Historic site in Bukhara Region, Uzbekistan

The Obid Xoja Mausoleum (Uzbek: Obid Xoja xazirasi) is a historical monument in Bukhara. It is located in the Chor Bakr memorial complex, which was built in the 18th century. The mausoleum is included in the national register of immovable cultural heritage of Uzbekistan.

== Background ==
Obid Xoja Mausoleum is opposite to the Mozori Daroz gate, and can be accessed through the door part. The mausoleum is located inside the Xoja Sa’d tomb. When it was built, the mausoleum was surrounded by walls on all four sides. The walls were repaired and plastered during the restoration process. The mausoleum has a winter house on the north side.
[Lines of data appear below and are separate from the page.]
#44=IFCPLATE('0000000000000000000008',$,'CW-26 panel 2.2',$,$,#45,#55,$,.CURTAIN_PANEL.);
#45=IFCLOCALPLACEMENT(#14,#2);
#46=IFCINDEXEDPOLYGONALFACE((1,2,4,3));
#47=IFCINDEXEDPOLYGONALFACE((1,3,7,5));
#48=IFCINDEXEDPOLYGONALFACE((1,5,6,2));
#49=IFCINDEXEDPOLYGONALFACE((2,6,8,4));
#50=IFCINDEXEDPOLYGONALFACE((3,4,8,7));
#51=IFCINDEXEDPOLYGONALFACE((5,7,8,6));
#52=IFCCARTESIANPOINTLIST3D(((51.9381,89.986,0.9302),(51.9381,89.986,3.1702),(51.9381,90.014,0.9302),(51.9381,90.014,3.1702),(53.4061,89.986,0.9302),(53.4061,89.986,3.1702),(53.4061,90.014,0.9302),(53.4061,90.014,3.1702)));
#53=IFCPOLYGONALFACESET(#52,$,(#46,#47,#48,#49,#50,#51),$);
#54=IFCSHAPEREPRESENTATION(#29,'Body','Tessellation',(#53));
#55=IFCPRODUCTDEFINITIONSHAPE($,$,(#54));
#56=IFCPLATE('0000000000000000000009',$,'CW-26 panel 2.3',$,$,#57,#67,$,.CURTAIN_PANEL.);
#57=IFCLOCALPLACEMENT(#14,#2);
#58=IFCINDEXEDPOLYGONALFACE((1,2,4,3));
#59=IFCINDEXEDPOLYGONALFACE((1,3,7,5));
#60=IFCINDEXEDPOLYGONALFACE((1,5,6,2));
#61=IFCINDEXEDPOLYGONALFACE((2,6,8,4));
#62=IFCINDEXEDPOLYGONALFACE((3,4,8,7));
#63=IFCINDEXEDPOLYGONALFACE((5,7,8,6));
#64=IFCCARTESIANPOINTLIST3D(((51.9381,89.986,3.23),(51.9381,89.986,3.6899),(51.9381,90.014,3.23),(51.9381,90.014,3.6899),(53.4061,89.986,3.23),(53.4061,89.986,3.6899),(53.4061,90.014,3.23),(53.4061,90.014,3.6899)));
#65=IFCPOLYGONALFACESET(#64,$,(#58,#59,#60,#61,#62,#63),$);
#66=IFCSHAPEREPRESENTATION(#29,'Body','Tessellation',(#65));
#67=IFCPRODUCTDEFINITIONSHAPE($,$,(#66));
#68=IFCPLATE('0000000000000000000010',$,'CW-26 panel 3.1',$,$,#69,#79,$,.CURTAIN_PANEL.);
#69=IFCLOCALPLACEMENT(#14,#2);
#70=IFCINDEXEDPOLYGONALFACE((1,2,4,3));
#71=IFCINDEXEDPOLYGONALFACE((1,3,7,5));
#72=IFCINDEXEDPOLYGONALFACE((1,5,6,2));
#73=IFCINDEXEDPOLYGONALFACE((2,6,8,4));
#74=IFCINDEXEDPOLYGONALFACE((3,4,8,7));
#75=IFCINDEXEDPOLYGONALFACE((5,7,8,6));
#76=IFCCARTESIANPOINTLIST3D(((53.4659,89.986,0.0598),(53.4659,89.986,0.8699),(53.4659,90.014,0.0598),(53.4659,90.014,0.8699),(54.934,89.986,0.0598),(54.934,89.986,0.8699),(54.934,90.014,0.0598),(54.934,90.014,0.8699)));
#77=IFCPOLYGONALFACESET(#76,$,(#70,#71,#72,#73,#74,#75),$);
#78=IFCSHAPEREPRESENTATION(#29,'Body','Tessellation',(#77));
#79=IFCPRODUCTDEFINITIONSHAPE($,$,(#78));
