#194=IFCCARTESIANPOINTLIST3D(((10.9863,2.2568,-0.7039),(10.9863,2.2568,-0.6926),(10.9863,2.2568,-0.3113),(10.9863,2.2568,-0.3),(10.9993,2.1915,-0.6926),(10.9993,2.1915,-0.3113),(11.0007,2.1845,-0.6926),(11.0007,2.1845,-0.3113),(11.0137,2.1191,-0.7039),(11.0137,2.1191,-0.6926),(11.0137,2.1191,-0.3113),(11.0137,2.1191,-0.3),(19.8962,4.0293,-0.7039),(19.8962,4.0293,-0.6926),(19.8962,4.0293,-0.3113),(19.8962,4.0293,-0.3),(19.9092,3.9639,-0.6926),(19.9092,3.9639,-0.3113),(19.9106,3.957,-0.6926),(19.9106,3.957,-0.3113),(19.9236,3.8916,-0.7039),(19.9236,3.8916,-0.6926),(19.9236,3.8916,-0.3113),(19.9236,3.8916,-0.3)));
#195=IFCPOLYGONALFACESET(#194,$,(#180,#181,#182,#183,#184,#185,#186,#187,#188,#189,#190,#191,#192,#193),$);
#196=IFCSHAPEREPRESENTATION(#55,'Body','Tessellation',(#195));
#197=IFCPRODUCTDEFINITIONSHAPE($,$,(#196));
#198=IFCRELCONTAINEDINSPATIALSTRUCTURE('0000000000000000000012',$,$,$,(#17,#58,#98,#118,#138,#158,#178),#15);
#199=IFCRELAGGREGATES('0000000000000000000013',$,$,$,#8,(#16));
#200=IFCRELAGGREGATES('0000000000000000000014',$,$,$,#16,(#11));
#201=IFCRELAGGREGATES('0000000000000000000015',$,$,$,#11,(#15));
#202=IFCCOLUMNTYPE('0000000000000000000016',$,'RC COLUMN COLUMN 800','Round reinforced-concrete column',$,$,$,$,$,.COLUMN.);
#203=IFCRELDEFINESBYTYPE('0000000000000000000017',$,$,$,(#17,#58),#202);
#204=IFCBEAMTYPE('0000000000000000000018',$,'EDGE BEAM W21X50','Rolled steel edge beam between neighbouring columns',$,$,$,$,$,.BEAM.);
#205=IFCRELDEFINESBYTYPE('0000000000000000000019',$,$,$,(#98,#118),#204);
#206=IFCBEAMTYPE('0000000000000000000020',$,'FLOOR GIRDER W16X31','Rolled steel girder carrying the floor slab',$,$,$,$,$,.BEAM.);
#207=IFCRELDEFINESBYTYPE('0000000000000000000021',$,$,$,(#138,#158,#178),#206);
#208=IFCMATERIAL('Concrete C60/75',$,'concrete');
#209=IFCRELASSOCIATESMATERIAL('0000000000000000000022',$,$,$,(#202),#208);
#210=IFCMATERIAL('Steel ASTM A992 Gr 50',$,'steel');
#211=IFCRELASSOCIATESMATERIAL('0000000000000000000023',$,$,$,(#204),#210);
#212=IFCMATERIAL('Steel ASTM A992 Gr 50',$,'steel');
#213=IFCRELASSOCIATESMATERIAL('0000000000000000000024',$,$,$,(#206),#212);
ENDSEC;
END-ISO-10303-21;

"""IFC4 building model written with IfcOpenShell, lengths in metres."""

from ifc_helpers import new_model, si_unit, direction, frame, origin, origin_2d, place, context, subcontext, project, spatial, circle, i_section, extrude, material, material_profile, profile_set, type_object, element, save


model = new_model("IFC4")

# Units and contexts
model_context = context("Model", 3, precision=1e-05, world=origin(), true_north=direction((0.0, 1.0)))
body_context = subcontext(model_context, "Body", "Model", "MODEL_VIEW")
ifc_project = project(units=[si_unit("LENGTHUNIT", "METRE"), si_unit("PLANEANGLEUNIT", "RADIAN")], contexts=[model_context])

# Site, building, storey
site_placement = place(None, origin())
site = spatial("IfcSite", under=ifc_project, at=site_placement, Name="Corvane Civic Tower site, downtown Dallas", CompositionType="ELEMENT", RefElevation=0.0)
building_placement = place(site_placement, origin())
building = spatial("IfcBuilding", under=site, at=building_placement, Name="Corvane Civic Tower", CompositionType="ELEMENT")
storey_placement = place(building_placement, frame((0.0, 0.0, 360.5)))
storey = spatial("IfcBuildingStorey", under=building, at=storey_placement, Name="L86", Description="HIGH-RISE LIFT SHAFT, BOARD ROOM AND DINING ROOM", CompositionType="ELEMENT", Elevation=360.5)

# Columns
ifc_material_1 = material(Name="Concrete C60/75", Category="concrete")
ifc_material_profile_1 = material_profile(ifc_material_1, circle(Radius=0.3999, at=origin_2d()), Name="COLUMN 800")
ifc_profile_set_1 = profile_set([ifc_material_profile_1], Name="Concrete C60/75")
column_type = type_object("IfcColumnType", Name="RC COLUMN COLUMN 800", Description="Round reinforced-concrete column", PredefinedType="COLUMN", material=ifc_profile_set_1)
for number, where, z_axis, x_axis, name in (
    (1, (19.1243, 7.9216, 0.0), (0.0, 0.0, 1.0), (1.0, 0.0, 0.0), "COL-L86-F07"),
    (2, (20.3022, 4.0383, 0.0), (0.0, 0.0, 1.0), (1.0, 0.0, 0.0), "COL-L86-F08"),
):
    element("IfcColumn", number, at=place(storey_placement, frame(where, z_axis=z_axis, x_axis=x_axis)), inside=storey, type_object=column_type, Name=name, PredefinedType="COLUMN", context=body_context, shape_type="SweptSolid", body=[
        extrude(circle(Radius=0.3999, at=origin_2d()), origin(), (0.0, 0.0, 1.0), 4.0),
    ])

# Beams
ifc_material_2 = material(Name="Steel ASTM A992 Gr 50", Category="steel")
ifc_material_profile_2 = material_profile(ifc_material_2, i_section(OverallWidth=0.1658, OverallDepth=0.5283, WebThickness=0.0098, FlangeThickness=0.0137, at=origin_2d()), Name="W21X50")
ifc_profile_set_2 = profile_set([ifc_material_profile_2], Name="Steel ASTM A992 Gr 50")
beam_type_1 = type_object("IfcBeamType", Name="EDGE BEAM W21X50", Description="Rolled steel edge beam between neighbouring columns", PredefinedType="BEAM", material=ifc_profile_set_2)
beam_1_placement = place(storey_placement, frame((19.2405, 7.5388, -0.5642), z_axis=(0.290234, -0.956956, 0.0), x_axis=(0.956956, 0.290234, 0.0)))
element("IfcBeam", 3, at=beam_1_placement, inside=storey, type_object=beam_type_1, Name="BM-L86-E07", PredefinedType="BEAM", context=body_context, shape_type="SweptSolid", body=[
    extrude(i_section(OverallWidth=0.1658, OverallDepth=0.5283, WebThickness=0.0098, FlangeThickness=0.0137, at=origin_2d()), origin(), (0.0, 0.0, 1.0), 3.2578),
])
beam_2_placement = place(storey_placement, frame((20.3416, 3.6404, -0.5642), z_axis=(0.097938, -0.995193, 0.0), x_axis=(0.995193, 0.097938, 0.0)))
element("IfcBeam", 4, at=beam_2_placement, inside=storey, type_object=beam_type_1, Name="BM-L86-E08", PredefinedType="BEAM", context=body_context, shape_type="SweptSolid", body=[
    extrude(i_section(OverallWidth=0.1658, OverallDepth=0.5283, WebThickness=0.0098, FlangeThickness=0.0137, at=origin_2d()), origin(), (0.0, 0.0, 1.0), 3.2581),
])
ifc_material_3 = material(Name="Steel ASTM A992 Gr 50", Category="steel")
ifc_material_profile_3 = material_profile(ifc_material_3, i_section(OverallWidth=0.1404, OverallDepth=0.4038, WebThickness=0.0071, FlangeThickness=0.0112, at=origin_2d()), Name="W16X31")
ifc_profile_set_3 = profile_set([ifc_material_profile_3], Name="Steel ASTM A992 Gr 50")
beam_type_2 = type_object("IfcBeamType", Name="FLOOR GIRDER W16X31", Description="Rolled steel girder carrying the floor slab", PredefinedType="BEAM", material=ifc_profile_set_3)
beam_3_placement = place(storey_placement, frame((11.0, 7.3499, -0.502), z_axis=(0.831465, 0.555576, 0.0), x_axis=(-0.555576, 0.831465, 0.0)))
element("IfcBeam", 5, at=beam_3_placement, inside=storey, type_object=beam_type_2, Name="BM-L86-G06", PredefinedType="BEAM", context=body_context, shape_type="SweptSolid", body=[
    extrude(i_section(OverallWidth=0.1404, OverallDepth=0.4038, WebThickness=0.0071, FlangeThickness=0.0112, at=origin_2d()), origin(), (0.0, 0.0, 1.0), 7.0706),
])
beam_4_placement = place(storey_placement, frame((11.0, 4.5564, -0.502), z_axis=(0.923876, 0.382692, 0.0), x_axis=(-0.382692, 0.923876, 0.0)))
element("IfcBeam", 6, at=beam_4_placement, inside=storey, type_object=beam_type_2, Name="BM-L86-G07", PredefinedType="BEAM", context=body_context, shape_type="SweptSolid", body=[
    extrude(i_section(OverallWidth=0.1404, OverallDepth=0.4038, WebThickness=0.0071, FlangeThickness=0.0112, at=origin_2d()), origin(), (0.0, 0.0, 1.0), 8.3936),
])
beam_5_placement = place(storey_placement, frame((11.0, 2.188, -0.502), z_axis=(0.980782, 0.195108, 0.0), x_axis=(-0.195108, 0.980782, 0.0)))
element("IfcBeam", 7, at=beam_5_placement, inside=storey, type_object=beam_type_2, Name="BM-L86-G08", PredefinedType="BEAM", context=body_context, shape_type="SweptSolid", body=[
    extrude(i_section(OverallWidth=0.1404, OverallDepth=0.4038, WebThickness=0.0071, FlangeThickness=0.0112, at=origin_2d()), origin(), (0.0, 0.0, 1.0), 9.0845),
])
The winter house has a dome, and is built with columns and a veranda. The winter house has doors on both sides and on the east side. The mausoleum has a lamp holder. However, the lamp holders are not preserved, only their places are preserved. As a result of the restoration in 1999, restoration works were carried out in the mausoleum. During the restoration, a wall was installed at a depth of 1.5 meters below the ground. The mausoleum has graves and tombstones. According to the historian Ibodat Rajabova, the tombstones in the mausoleum were used for the second or third time. The first tombstone in the Obid Xoja Mausoleum reads:

This is the luminous grave of the pious Faxriya daughter of Hazrati Eshon ibn Muhammad Obid Xoja. She died in the month of Muharram in the year 1170 AH. They moved her from Dorulfanod to Dorulbaqo.

This tombstone was placed in 1755. The second tombstone has the following inscription:

This is the luminous grave of Shamsiyabonu Sultonim. She was famous by the name of Bibi Jo’ybori.

The Jo’ybori family donated many lands for the Obid Xoja Mausoleum.